The network plot to the right illustrates the issue. On a genome-wide admixture plot Tibetans look like any East Asian population. They seem to be a mix of farmers related to the Han to the east and indigenous groups long resident at these high altitudes. But on the region around EPAS1 their genetic variation matches not modern humans, but the Denisovan hominin, which diverged ~500,000 years ago from the population gave rise to 90 to 99% of the ancestry of our own lineage.
So what happened? We know that there were low levels of hybridization between very diverged human lineages in the past. Because of genetic incompabilities it seems that in fact there was some selection against distinctive alleles from archaic lineages in our own genome. That is, the percentage of Neanderthal ancestry on the genomic level is probably lower than you’d get from doing a genealogical analysis of all lines of ancestry back to 100,000 years ago, because there has been selection against Neanderthal variants in the dominant human genetic background. But not in all cases. In a minority of instances the Neanderthal and Denisovan variants were not less fit, nor were they neutral, but rather, they were favored!
So, imagine a scenario where in the initial generation admixture between a large human population and a small Neanderthal population leads to admixture on the order of ~5% in the descendants. Over the generations due to selection against Neanderthal alleles the genomic ancestry from this group converges upon ~2.5%. But, on a subset of loci the Neanderthal alleles will have increased in frequency, and in some cases introgressed to high levels. This could be due to randomness; in a genome with billions of base pairs and tens of millions of nucleotide polymorphisms some alleles will drift up to higher frequencies randomly. But it is in the set of high frequency alleles from Neanderthals that you might find variants that have become common due to adaptive introgression. See this paper in AJHG, Introgression of Neandertal- and Denisovan-like Haplotypes Contributes to Adaptive Variation in Human Toll-like Receptors. Immunological variation is always an excellent candidate because genetic diversity at these loci are highly favored, and long resident populations often have local adaptations.

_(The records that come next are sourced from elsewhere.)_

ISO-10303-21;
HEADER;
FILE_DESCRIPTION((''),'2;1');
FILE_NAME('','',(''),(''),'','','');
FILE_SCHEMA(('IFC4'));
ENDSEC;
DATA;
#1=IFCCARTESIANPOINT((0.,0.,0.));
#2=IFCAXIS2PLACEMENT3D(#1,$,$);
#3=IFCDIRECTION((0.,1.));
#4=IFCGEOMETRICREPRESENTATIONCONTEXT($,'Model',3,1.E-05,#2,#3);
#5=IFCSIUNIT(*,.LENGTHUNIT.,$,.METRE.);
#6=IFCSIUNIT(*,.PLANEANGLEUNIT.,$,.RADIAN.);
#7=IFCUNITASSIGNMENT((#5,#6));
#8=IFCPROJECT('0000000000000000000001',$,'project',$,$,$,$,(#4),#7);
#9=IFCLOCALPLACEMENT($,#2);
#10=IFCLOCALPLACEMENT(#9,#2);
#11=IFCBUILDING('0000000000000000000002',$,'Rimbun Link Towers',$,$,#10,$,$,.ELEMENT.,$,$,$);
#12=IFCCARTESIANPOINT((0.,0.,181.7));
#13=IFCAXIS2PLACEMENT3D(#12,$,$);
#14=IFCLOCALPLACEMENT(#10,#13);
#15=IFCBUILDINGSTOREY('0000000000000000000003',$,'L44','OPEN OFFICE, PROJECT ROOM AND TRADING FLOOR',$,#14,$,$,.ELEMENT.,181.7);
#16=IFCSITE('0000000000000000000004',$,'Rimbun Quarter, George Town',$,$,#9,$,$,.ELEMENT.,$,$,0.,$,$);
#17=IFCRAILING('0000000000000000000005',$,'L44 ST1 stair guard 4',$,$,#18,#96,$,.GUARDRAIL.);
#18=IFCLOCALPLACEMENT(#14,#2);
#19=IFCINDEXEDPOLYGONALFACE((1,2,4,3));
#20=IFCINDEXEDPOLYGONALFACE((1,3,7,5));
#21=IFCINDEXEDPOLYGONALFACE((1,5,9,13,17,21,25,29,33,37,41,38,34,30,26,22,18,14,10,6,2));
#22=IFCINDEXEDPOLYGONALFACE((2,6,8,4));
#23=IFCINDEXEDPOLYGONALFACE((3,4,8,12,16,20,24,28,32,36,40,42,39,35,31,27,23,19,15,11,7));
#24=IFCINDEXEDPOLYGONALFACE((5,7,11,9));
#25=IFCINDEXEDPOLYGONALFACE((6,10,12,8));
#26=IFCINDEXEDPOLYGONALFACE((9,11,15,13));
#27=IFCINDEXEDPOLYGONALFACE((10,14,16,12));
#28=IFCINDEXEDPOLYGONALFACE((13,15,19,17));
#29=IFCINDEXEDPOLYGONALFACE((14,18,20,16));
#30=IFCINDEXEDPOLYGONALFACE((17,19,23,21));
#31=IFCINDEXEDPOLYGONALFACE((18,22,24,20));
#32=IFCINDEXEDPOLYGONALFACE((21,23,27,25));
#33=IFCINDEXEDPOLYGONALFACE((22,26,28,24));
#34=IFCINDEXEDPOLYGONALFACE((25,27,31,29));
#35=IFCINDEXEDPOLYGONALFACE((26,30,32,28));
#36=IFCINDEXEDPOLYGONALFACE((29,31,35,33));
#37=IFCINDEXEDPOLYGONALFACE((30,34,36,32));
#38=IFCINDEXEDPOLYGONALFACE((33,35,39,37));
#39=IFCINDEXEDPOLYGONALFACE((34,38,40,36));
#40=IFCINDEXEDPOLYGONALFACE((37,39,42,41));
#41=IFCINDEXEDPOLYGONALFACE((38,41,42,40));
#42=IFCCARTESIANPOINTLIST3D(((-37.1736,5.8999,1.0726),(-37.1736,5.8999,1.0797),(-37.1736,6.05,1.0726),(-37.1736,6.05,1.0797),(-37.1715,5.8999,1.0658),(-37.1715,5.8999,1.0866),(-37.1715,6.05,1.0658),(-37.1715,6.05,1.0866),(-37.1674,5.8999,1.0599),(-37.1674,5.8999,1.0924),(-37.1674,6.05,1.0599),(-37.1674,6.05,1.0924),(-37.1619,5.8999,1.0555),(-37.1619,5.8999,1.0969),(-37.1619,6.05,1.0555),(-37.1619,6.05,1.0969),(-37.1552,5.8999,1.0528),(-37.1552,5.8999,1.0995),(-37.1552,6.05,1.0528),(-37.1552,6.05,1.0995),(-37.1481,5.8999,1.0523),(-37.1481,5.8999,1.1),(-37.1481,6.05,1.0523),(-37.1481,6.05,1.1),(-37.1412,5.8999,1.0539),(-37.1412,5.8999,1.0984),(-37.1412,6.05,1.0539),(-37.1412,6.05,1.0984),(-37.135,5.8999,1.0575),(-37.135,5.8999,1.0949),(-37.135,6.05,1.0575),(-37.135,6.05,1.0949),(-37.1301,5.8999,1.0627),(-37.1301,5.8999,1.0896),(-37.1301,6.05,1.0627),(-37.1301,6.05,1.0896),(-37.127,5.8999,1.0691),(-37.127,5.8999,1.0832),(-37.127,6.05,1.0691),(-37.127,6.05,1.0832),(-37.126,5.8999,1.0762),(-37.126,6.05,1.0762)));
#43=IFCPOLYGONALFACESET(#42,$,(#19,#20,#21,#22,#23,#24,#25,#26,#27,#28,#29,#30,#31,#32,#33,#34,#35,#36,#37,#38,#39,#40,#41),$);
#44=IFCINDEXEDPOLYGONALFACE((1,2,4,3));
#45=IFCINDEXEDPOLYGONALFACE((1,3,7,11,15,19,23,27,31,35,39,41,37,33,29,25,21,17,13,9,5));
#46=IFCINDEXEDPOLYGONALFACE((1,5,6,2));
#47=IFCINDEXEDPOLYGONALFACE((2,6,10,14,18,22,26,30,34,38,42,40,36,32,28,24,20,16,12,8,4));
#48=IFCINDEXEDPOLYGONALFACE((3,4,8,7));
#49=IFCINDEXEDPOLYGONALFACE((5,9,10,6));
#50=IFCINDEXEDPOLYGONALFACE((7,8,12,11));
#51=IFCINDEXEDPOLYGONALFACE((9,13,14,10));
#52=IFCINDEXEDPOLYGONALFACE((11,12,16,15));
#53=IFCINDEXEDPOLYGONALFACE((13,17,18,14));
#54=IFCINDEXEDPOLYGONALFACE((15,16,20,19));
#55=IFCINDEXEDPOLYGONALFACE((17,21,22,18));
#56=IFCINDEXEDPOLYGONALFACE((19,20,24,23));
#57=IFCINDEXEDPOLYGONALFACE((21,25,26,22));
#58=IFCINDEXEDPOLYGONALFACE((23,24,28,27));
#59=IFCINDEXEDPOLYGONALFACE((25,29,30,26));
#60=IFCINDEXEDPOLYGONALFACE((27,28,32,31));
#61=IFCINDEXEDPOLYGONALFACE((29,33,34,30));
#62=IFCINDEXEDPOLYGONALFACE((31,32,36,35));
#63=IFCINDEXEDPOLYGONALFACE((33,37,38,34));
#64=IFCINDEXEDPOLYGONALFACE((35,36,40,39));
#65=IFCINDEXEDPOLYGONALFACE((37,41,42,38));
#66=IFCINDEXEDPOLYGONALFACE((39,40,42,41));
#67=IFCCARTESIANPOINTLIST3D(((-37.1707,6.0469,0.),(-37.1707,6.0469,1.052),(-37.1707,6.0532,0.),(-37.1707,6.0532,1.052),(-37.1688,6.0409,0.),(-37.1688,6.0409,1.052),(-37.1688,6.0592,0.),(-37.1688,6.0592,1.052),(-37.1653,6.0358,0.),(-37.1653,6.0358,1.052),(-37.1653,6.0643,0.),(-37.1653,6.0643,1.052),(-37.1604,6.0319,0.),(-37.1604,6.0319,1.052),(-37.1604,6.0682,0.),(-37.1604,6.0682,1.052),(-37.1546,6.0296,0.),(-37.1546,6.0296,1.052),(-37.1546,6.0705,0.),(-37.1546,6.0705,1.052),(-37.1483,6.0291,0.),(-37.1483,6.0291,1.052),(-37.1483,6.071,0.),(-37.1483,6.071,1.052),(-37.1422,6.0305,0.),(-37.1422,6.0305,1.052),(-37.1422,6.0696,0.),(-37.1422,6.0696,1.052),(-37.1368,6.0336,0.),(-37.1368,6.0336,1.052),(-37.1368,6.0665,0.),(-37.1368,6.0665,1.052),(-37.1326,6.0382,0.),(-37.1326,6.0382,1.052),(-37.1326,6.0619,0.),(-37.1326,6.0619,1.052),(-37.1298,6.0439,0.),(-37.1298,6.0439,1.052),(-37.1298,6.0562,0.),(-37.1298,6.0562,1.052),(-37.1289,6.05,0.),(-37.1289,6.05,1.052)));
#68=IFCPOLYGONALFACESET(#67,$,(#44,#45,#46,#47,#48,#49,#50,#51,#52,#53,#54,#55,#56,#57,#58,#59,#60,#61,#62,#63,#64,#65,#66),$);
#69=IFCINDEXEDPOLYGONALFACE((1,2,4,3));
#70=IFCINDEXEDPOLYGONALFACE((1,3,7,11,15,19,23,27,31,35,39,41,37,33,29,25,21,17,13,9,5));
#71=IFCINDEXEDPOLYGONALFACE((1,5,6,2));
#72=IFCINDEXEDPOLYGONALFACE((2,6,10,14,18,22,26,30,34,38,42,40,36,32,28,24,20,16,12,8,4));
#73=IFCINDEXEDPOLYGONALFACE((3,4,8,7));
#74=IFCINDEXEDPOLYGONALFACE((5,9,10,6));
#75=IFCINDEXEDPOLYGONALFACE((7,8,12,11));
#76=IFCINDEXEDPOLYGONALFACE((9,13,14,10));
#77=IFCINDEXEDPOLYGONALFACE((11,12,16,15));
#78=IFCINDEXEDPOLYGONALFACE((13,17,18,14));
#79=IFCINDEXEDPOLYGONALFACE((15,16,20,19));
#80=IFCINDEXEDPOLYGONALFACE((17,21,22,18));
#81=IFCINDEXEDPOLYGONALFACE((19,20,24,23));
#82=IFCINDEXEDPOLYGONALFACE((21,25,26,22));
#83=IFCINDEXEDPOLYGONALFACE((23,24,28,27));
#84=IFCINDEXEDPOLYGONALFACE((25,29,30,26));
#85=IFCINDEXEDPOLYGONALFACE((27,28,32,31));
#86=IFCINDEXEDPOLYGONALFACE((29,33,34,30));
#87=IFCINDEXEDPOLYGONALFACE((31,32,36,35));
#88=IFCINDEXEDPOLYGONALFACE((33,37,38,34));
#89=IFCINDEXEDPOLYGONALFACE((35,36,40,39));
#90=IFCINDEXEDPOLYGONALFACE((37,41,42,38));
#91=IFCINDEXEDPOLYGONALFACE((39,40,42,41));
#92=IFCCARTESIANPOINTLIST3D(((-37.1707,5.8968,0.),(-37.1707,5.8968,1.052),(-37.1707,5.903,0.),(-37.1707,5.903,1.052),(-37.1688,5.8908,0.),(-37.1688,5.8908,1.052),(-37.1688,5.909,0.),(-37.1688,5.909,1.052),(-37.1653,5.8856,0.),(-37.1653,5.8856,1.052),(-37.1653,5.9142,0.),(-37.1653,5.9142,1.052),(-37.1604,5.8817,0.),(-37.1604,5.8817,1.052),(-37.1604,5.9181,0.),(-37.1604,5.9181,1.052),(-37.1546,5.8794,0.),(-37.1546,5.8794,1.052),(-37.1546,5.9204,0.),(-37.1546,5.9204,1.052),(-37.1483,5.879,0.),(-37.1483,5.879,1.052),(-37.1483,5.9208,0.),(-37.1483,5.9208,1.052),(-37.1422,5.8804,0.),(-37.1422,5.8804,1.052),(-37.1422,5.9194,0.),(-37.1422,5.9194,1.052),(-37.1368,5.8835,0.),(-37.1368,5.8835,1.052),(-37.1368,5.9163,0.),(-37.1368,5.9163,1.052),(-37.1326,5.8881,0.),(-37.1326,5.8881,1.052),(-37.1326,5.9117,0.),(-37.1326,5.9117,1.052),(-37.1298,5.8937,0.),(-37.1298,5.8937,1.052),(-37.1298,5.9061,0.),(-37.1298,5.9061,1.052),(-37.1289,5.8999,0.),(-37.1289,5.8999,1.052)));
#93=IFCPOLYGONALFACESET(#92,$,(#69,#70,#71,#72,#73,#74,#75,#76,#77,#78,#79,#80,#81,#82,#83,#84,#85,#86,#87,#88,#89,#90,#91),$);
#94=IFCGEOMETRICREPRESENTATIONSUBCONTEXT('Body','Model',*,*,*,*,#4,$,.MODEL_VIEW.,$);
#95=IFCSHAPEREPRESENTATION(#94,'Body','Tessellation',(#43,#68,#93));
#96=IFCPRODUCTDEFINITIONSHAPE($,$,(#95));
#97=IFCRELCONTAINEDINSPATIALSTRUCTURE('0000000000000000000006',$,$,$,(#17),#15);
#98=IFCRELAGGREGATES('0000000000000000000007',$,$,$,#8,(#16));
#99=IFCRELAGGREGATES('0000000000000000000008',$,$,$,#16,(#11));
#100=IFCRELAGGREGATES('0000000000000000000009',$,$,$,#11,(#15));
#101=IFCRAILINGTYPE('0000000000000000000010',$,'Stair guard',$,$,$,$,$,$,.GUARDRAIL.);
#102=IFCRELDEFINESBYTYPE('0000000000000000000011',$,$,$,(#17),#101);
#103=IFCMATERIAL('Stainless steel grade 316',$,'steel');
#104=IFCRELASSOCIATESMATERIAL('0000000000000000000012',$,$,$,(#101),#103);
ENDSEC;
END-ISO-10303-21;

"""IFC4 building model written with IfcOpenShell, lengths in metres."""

from ifc_helpers import new_model, si_unit, direction, frame, origin, origin_2d, place, context, subcontext, project, spatial, circle, extrude, material, type_object, element, save


model = new_model("IFC4")

# Units and contexts
model_context = context("Model", 3, precision=1e-05, world=origin(), true_north=direction((0.0, 1.0)))
body_context = subcontext(model_context, "Body", "Model", "MODEL_VIEW")
ifc_project = project(units=[si_unit("LENGTHUNIT", "METRE"), si_unit("PLANEANGLEUNIT", "RADIAN")], contexts=[model_context])

# Site, building, storey
site_placement = place(None, origin())
site = spatial("IfcSite", under=ifc_project, at=site_placement, Name="Rimbun Quarter, George Town", CompositionType="ELEMENT", RefElevation=0.0)
building_placement = place(site_placement, origin())
building = spatial("IfcBuilding", under=site, at=building_placement, Name="Rimbun Link Towers", CompositionType="ELEMENT")
storey_placement = place(building_placement, frame((0.0, 0.0, 181.7)))
storey = spatial("IfcBuildingStorey", under=building, at=storey_placement, Name="L44", Description="OPEN OFFICE, PROJECT ROOM AND TRADING FLOOR", CompositionType="ELEMENT", Elevation=181.7)

# Railing
ifc_material_1 = material(Name="Stainless steel grade 316", Category="steel")
railing_type_1 = type_object("IfcRailingType", Name="Stair guard", PredefinedType="GUARDRAIL", material=ifc_material_1)
railing_1_placement = place(storey_placement, frame((-37.1499, 6.05, 0.0)))
element("IfcRailing", 1, at=railing_1_placement, inside=storey, type_object=railing_type_1, Name="L44 ST1 stair guard 4", PredefinedType="GUARDRAIL", context=body_context, shape_type="SweptSolid", body=[
    extrude(circle(Radius=0.0239, at=origin_2d()), frame((0.0, 0.0, 1.0762), z_axis=(0.0, -1.0, 0.0), x_axis=(1.0, 0.0, 0.0)), (0.0, 0.0, 1.0), 0.1501),
    extrude(circle(Radius=0.021, at=origin_2d()), origin(), (0.0, 0.0, 1.0), 1.052),
    extrude(circle(Radius=0.021, at=origin_2d()), frame((0.0, -0.1501, 0.0)), (0.0, 0.0, 1.0), 1.052),
])

save(model, "model.ifc")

Because my focus is generally in microevolutionary process, the sort of thing population geneticists are interested in, I’ve really not been talking about species-level dynamics (though the hominins are arguably distinct species). Much of the work on admixture and introgression is done by biologists focused on inter-specific differences, but the general framework holds I believe (in fact, questions of admixture and introgression and more clear and distinct across diverged lineages). In plants in particular hybridization and introgression are common in wild and domestic lineages.

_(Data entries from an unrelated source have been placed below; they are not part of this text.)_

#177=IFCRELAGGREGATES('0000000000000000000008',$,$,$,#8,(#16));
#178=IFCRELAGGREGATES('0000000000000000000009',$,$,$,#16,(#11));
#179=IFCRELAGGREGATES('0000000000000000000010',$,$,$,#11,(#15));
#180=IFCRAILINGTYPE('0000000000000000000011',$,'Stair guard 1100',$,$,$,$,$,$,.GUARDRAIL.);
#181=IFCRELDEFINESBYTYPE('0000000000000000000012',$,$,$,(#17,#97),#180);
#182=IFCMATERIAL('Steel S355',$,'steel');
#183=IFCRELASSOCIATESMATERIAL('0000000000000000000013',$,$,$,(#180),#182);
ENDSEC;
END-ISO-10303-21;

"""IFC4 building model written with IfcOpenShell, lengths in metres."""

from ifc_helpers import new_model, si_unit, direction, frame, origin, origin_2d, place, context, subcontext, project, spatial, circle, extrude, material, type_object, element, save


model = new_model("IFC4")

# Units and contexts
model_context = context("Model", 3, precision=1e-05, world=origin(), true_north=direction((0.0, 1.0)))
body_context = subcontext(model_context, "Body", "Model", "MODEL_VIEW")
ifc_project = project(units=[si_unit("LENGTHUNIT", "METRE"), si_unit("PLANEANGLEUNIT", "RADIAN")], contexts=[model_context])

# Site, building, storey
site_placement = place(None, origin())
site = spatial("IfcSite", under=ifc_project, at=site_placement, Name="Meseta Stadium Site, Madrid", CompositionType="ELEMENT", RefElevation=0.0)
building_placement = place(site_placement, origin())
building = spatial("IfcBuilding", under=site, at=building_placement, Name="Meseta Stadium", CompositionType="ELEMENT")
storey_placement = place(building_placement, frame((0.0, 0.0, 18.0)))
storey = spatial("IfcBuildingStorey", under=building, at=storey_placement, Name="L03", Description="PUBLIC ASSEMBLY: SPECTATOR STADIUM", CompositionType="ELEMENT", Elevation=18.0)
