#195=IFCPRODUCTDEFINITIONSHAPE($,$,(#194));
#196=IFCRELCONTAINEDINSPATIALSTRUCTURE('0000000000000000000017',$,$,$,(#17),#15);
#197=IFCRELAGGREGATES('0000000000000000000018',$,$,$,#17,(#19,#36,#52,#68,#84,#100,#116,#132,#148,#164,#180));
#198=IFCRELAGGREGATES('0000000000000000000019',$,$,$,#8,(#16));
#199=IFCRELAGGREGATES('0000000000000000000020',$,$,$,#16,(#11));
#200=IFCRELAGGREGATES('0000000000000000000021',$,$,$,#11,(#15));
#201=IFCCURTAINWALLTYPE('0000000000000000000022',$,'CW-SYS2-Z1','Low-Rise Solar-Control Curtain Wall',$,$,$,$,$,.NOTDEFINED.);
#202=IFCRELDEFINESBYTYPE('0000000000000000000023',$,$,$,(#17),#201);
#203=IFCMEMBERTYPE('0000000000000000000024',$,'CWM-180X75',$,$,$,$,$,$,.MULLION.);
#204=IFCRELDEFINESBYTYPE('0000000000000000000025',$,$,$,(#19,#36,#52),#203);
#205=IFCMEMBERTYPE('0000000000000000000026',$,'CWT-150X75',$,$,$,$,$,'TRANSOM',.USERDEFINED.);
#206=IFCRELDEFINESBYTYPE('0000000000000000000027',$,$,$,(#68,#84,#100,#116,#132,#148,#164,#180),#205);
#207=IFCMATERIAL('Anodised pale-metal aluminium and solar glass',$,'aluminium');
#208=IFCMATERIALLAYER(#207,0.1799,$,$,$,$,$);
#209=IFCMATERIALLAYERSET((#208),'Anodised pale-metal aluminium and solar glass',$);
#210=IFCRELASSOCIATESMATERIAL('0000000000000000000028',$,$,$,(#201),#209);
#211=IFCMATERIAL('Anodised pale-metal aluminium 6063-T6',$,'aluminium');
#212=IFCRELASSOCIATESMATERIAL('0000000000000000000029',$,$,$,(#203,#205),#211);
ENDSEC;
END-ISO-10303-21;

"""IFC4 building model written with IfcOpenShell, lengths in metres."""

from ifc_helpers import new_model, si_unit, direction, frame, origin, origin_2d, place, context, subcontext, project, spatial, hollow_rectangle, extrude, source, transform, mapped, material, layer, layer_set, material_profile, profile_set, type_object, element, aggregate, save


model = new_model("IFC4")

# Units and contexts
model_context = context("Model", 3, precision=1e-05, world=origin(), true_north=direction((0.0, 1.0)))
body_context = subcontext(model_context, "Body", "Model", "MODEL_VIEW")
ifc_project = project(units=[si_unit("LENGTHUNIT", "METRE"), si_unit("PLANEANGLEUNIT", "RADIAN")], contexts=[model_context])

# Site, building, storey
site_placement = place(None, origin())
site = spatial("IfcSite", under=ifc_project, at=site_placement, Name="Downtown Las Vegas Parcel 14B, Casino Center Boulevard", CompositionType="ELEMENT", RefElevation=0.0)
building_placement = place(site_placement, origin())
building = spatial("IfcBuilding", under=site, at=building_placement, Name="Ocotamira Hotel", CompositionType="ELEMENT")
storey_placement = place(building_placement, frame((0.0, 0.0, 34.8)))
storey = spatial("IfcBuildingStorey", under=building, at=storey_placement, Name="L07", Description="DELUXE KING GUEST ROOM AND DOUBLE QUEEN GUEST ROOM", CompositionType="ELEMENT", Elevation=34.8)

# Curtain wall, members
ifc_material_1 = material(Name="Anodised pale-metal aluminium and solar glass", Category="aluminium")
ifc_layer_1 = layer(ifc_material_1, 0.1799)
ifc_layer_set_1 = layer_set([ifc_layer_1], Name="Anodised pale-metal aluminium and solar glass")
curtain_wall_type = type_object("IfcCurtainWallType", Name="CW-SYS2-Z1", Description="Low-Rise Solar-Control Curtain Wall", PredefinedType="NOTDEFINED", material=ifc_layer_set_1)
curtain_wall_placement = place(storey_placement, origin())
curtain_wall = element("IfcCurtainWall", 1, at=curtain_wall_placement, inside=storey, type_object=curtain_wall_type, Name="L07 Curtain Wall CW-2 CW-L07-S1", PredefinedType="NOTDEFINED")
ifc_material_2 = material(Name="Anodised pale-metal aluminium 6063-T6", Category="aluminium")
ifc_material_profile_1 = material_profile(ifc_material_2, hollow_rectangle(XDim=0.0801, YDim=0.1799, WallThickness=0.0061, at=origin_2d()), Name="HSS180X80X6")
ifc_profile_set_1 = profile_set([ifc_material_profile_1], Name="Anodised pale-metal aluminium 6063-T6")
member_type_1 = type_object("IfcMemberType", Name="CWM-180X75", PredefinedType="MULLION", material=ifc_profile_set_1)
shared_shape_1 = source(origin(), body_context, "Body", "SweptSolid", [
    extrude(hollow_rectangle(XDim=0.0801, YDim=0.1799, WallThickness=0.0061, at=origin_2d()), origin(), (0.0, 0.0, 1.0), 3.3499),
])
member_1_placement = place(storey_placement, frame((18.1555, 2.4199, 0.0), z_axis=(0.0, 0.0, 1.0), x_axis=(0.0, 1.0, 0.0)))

I’m not putting this post up as definitive. When I read papers where there is talk about “introgression of ancestry” it is clear that today people are merging and bleeding the definitions. I actually checked for definitions of introgression and admixture in . Principles of Population Genetics and Elements of Evolutionary Genetics. There wasn’t anything, because debate on this issue isn’t/wasn’t very live in these fields. At this point I’m really curious what other biologists think. I still find the distinction important, and more critically, useful. If one doesn’t, I’d like to hear opinions. If one has different definitions, I’d like to hear opinions.